The average exercise intensity during the 2-h sub-maximal run for the placebo and spirulina trials was 70.6 ± 2.4% and 71.0 ± 1.9% of VO_2max, respectively (P>0.05). Time to fatigue after the 2-h run was significantly higher after spirulina supplementation (2.05 ± 0.68 compared to 2.70 ± 0.79 min for the placebo and spirulina groups, respectively; P=0.048). Supplementation of spirulina significantly decreased the carbohydrate oxidation rate by 10.3% (P=0.008) and increased the fat oxidation rate (P=0.003) by 10.9% during the 2-h run compared with the placebo trial. There was a significant main effect of time (P<0.001), with creatine kinase activity increasing 24 and 48-h after exercise in both groups. A significant main effect of group (P=0.049) was noted with GSH level being higher after the spirulina supplementation at rest and 24-h after exercise. There was a significant group x time interaction (P=0.007), with TBARS levels increasing after exercise after placebo, but not after spirulina supplementation, possibly due to the higher levels of GSH in the spirulina-supplemented individuals. There was a significant main effect of time (P<0.001), with protein carbonyls levels, catalase activity, and TAC increasing immediately after and 1-h after exercise in both groups.
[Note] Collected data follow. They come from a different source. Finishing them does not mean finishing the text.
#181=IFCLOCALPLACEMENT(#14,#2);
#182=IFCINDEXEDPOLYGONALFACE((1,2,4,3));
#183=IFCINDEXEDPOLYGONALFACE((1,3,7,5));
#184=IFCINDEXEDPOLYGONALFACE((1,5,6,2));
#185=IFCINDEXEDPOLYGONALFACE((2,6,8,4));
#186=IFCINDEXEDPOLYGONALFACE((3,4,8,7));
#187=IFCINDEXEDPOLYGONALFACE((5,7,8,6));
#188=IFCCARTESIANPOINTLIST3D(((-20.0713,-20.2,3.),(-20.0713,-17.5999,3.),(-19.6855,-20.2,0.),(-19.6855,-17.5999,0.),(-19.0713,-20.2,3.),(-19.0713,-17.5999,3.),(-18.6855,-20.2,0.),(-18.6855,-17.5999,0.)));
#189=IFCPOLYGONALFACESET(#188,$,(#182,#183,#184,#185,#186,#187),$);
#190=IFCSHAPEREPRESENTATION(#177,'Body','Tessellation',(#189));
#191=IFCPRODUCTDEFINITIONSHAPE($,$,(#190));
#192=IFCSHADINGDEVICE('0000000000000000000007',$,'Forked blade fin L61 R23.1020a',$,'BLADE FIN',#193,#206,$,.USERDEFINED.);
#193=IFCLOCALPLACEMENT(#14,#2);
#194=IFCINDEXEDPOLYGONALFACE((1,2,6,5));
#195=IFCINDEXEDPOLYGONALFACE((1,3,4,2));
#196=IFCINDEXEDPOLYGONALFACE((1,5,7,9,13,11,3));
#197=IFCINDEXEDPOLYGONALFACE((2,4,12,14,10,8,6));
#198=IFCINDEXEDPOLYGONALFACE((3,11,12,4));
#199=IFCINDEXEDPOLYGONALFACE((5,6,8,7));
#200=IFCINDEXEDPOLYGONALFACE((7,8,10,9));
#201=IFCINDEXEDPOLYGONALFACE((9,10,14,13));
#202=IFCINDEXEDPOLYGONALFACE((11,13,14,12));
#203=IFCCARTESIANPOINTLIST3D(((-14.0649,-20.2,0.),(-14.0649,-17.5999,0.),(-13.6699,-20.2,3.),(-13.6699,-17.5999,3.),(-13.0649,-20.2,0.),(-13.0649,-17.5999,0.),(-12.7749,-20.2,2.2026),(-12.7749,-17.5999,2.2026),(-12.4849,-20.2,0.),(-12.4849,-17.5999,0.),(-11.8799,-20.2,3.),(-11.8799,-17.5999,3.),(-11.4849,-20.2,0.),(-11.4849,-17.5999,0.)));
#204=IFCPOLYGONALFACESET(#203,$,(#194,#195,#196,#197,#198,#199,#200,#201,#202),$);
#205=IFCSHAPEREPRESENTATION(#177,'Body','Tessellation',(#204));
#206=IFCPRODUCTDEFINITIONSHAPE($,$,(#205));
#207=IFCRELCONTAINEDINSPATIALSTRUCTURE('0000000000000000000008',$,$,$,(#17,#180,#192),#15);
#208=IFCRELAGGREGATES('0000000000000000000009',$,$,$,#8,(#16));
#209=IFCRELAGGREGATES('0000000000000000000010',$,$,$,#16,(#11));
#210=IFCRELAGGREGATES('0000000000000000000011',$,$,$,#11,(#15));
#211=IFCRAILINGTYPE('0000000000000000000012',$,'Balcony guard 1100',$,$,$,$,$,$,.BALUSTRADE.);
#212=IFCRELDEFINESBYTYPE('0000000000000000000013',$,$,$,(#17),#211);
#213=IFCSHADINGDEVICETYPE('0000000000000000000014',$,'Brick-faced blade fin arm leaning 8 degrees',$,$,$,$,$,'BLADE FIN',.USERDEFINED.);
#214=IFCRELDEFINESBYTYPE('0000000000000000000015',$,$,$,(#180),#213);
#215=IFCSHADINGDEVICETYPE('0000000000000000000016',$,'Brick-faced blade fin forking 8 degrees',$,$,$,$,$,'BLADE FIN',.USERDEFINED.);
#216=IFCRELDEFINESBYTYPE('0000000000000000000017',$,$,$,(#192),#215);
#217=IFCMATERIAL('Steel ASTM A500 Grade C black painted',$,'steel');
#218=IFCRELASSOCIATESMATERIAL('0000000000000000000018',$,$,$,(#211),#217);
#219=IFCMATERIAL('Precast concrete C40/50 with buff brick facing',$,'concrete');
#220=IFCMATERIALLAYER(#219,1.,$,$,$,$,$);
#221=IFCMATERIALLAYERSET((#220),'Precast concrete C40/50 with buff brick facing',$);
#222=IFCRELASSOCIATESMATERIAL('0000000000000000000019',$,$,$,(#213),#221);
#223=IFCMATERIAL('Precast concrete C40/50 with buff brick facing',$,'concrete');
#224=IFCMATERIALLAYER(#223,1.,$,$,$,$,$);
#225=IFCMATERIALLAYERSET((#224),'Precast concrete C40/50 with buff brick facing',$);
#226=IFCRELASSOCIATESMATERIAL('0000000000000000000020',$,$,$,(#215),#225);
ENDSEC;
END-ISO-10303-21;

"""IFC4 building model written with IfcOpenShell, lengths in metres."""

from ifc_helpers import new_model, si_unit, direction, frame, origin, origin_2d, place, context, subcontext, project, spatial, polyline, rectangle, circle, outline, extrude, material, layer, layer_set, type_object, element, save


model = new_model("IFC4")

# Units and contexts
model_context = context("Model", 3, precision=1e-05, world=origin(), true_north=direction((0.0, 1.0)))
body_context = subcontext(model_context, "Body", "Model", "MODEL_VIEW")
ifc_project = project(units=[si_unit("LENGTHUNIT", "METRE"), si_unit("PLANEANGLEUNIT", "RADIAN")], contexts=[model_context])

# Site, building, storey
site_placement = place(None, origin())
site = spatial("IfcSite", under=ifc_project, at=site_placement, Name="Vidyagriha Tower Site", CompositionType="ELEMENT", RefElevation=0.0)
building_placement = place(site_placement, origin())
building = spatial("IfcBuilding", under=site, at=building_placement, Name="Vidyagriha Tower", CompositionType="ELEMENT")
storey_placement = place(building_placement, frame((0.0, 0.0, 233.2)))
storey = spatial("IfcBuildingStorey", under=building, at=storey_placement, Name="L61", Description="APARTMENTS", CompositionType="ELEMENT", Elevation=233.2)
The results showed that spirulina supplementation for 4 weeks induced a significant increase in exercise performance, fat oxidation, and glutathione concentration, as well as attenuated exercise-induced increases in lipid peroxidation, indicating that increased levels of fat oxidation and GSH may contribute to enhanced exercise performance. The authors conclude that more research is needed to elucidate the mechanisms behind the apparent ergogenic effect of spirulina, particularly on mitochondrial function and β-oxidation in conjunction with inflammation and oxidative stress. The authors neglect to mention that a main mechanism of action may be the blue polypeptide, phycocyanin.